Serum concentrations of fibroblast growth factor 23 (FGF23) and parathyroid hormone (PTH) are elevated in patients with CKD, and higher concentrations are well established as risk factors for cardiovascular disease and death (1). In the Systolic Blood Pressure Intervention Trial (SPRINT), intensive systolic BP lowering led to lower rates of cardiovascular events and mortality despite a more rapid decline in eGFR (2). Given that FGF23 and PTH would be expected to increase in the setting of declining eGFR, the effects of intensive systolic BP control on these key potential intermediates are of considerable interest.

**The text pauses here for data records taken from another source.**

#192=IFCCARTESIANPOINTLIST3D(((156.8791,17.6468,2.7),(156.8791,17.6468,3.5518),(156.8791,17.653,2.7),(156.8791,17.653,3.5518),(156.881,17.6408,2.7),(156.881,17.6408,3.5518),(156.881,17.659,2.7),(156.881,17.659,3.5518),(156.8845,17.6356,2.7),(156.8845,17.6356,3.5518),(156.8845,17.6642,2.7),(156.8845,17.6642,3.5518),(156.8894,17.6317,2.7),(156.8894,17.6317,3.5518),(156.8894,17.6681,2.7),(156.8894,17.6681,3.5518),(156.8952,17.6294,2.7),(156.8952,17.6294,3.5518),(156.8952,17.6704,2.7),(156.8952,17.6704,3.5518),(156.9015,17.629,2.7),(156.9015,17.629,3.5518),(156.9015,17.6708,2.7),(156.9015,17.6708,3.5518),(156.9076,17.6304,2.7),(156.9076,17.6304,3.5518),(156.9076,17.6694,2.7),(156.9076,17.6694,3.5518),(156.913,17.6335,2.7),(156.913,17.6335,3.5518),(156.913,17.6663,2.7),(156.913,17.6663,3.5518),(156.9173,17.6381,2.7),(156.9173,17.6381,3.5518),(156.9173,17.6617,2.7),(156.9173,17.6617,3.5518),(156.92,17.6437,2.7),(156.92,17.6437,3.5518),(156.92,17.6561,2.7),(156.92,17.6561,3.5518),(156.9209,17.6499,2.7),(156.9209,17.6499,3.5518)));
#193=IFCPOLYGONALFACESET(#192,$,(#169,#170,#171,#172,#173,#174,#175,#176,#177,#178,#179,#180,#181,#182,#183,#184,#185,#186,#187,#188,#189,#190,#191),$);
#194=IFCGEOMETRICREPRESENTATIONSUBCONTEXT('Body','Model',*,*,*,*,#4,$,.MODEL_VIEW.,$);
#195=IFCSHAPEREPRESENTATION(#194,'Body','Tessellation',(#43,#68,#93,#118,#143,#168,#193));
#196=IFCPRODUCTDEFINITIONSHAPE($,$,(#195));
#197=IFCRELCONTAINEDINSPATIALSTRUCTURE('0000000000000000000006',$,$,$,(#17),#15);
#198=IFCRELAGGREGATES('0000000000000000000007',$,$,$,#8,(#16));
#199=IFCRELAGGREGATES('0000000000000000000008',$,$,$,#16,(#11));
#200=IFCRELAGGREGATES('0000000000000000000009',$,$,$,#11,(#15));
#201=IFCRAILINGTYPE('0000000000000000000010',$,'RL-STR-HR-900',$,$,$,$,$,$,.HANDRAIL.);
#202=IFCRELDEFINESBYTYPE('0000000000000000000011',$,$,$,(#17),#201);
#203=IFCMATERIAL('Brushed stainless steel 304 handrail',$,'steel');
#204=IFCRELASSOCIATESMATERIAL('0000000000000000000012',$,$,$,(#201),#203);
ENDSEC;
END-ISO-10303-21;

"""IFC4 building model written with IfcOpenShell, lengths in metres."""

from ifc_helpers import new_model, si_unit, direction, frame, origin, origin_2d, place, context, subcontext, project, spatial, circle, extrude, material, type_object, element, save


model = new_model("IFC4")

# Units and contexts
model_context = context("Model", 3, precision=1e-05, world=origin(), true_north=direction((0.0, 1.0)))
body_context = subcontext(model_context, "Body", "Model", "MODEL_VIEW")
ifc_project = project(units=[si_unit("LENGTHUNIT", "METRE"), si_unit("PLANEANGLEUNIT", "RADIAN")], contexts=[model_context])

The SPRINT, described in detail elsewhere (2,3), was a randomized, controlled trial among nondiabetic persons with hypertension evaluating the effects of intensive systolic BP lowering (<120 mm Hg) versus standard systolic BP target (<140 mm Hg). Of the 9361 participants enrolled in the SPRINT, 1000 participants with an eGFR<60 ml/min per 1.73 m2 were randomly chosen to have repeated serum measurements of intact FGF23 (Kainos), intact PTH, calcium, phosphate, and urine creatinine and phosphate (4). Using these data, we calculated fractional excretion of phosphate (FePhos) and fractional excretion of calcium. We evaluated the changes in each parameter from baseline to year 1 stratified by intervention status. We used linear mixed models to evaluate the effect of randomization to the intensive BP lowering arm on longitudinal changes in serum FGF23, PTH, calcium, phosphate, FePhos, and fractional excretion of calcium.
Of the 1000 participants with CKD randomly sampled for this study, 987 had specimens available at year 1. Baseline characteristics stratified by intervention arm are reported elsewhere (5). The mean age was 72±9 years old, 42% were women, and the mean eGFR was 46±10 ml/min per 1.73 m2. Baseline intact FGF23 concentrations were 65 and 66 pg/ml in the standard and intensive arms, respectively. The mean eGFR changes were +1.58 and −2.12 ml/min per 1.73 m2 in the standard and intensive arms, respectively. Compared with participants in the standard arm, participants in the intensive arm experienced an 11.5% (95% confidence interval, 6.0 to 17.0) increase in FGF23 over the year (Table 1). This relative difference in FGF23 was unchanged by adjustment for concurrent changes in eGFR and albuminuria. There were no relative differences in serum PTH, calcium, or phosphate across treatment arms. In parallel with the increase in FGF23 in the intensive arm, FePhos rose by 4.2% in the intensive arm relative to the standard arm, although this association was not statistically significant (P=0.15).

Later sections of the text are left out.